I'd sit at home before I'd do it for 1200


----------



## HARRY304E (Sep 15, 2010)

electricalwiz said:


> I would price at $2,000.00


X2...:thumbsup:


----------



## chicken steve (Mar 22, 2011)

Mdelectrician said:


> I'm changing out an 150 amp FPE panel to a 200 amp CH panel. Adding 2 ground rods and running ground to water pipe coming in the house about 20 ft away. Job is pretty cut and dry and don't see any problems. Also it is a underground service so no need for new service drop. What would you guys price something out like this for. I'm thinking $1200.


Be careful that doesn't require $1000 of afci's in your state Md....


~CS~


----------



## nrp3 (Jan 24, 2009)

Exactly x 3


----------



## Bootss (Dec 30, 2011)

do it for your price then evaluate whether was worth your time after completion. I adjust your price accordingly afterwards.


----------



## drspec (Sep 29, 2012)

I just did one a couple days ago but overhead service

Charged $2200

2 men......4 hours


----------



## Rollie73 (Sep 19, 2010)

I'd be at almost 2k for just the panel swap if there was a main disconnect and I didn't need the POCO involved.......closer to 3k for the permit, panel swap, grounding, disconnect and reconnect by the POCO and inspection of the work.


----------



## oldschool (Aug 2, 2008)

Mdelectrician said:


> I'm changing out an 150 amp FPE panel to a 200 amp CH panel. Adding 2 ground rods and running ground to water pipe coming in the house about 20 ft away.
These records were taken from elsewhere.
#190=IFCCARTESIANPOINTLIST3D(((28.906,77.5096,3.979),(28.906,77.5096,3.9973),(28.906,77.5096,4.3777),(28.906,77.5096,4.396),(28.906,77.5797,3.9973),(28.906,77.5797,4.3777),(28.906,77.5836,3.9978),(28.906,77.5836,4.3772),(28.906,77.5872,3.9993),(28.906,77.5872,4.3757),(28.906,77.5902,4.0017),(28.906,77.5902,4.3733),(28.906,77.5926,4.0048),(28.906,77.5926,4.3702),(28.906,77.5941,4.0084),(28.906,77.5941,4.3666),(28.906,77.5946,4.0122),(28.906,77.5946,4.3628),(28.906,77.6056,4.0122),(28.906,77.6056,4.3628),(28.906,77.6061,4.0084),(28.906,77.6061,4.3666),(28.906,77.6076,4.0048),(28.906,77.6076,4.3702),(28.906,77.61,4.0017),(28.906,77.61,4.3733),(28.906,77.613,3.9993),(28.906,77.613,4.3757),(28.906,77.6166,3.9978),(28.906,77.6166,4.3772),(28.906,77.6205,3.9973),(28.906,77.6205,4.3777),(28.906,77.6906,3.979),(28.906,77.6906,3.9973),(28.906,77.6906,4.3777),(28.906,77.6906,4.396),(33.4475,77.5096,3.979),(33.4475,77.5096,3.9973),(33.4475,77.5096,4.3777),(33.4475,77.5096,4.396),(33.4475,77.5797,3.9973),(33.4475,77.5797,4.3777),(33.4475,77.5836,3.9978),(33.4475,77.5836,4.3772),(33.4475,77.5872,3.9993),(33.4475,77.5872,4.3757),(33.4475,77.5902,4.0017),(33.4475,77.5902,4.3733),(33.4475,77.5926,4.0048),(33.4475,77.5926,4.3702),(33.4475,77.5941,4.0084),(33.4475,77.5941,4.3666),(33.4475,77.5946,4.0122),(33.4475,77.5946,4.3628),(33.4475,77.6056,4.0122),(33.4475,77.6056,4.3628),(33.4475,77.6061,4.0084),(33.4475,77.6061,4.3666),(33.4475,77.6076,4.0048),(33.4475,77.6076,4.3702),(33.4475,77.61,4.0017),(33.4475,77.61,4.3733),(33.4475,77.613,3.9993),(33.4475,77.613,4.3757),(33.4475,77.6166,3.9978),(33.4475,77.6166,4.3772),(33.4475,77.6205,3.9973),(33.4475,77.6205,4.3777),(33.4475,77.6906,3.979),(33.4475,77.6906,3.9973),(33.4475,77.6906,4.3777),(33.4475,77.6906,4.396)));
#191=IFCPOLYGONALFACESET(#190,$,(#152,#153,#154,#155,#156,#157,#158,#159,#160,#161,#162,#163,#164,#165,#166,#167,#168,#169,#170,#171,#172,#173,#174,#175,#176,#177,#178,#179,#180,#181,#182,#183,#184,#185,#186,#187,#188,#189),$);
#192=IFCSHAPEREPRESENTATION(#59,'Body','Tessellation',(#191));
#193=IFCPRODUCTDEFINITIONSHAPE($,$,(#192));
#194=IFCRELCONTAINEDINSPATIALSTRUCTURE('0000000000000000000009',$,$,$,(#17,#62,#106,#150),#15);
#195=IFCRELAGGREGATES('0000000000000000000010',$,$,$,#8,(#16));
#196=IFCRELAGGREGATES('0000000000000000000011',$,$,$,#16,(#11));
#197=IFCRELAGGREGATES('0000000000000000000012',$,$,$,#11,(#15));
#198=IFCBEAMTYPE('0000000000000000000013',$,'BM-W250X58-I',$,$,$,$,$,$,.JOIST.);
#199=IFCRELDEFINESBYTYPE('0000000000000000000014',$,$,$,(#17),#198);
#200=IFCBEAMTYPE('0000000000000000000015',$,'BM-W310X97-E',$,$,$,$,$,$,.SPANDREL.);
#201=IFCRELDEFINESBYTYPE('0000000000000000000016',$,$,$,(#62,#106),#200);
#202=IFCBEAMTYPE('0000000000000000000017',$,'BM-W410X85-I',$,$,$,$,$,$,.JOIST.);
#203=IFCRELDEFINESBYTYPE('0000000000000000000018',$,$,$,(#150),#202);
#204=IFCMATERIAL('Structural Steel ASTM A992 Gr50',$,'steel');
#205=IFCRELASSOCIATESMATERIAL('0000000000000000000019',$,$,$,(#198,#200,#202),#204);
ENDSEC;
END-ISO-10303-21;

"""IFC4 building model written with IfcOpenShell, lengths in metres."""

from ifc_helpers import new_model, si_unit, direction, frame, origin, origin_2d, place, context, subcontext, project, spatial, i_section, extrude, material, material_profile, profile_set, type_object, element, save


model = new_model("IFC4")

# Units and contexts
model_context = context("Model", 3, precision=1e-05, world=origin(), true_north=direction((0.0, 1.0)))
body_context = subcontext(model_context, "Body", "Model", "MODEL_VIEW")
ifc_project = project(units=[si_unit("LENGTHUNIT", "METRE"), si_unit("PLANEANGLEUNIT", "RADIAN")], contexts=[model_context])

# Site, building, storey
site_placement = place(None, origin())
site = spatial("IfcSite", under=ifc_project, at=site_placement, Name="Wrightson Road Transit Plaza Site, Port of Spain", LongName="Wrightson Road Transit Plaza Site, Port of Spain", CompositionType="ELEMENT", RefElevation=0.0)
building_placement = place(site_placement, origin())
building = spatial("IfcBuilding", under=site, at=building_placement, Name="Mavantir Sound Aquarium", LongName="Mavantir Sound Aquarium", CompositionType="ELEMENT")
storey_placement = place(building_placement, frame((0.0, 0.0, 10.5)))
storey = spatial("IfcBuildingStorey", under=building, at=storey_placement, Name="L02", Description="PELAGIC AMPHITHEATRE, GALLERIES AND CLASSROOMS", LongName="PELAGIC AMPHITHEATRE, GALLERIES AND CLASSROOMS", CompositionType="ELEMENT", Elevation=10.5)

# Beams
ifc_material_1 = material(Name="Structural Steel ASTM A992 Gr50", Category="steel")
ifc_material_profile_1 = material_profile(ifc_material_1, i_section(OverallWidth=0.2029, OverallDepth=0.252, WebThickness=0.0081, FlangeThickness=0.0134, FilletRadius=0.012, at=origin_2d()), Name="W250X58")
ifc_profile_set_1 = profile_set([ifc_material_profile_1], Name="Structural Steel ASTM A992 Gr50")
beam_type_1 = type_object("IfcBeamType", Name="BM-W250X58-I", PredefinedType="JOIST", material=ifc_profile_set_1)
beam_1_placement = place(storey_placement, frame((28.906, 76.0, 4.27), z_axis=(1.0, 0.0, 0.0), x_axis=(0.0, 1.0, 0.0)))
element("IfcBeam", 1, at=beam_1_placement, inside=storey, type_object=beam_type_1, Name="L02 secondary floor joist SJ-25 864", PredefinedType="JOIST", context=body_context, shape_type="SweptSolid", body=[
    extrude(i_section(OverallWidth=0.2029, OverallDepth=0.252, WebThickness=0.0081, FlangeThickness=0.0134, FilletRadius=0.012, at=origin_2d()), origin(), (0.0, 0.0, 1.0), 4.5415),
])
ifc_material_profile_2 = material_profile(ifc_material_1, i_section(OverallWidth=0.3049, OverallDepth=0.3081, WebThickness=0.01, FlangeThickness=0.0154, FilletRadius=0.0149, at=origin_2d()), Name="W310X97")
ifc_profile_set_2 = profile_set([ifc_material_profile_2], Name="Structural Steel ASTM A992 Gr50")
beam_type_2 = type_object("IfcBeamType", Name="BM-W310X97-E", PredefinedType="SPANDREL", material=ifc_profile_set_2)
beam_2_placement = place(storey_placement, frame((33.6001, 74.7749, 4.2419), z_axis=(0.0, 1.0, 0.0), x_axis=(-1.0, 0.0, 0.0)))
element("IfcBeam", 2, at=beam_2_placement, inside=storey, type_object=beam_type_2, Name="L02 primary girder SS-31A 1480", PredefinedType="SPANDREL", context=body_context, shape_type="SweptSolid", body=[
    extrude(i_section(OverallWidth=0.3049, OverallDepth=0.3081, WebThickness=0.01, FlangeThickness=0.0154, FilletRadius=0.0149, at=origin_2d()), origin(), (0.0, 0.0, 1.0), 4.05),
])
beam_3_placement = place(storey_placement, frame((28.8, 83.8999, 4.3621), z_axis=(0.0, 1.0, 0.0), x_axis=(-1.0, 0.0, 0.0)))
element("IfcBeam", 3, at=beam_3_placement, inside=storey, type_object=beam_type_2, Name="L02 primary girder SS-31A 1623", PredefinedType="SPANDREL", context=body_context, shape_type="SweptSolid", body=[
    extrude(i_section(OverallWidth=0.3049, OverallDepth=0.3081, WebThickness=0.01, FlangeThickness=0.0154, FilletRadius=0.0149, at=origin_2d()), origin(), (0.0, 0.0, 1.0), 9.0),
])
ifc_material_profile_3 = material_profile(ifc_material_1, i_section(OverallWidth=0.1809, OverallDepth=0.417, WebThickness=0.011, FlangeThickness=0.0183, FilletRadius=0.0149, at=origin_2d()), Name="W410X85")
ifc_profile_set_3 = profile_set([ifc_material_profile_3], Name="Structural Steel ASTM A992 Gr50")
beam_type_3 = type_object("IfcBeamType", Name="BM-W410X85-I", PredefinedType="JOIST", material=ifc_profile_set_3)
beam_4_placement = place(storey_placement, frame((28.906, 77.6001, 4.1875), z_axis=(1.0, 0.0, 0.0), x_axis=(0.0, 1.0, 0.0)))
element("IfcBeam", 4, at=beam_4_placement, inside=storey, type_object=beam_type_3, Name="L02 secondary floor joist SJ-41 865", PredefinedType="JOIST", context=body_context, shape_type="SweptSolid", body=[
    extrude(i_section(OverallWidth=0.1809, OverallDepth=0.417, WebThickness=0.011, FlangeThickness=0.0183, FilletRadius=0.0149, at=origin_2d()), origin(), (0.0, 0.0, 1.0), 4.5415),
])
Job is pretty cut and dry and don't see any problems. Also it is a underground service so no need for new service drop. What would you guys price something out like this for. I'm thinking $1200.


I just did one in Montgomery County Maryland
PEPCO never showed the day the meter pull was scheduled
Waited the next day for 5 hours on the inspector

$1,200.00 would have sucked


----------



## 99cents (Aug 20, 2012)

I just quoted a panel change out for $1200.00. On the job already, 100A, ground is already there, no additional plywood needed, AFCI troubleshooting extra.


----------



## rewire (Jul 2, 2013)

I would do it for $950.00


----------



## smartblonde (Jan 26, 2014)

rewire said:


> I would do it for $950.00


Wow. You are surely going to bankrupt your company


----------



## ponyboy (Nov 18, 2012)

smartblonde said:


> Wow. You are surely going to bankrupt your company


If you believed that you should think about changing your name


----------



## Rollie73 (Sep 19, 2010)

99cents said:


> I just quoted a panel change out for $1200.00. On the job already, 100A, ground is already there, no additional plywood needed, AFCI troubleshooting extra.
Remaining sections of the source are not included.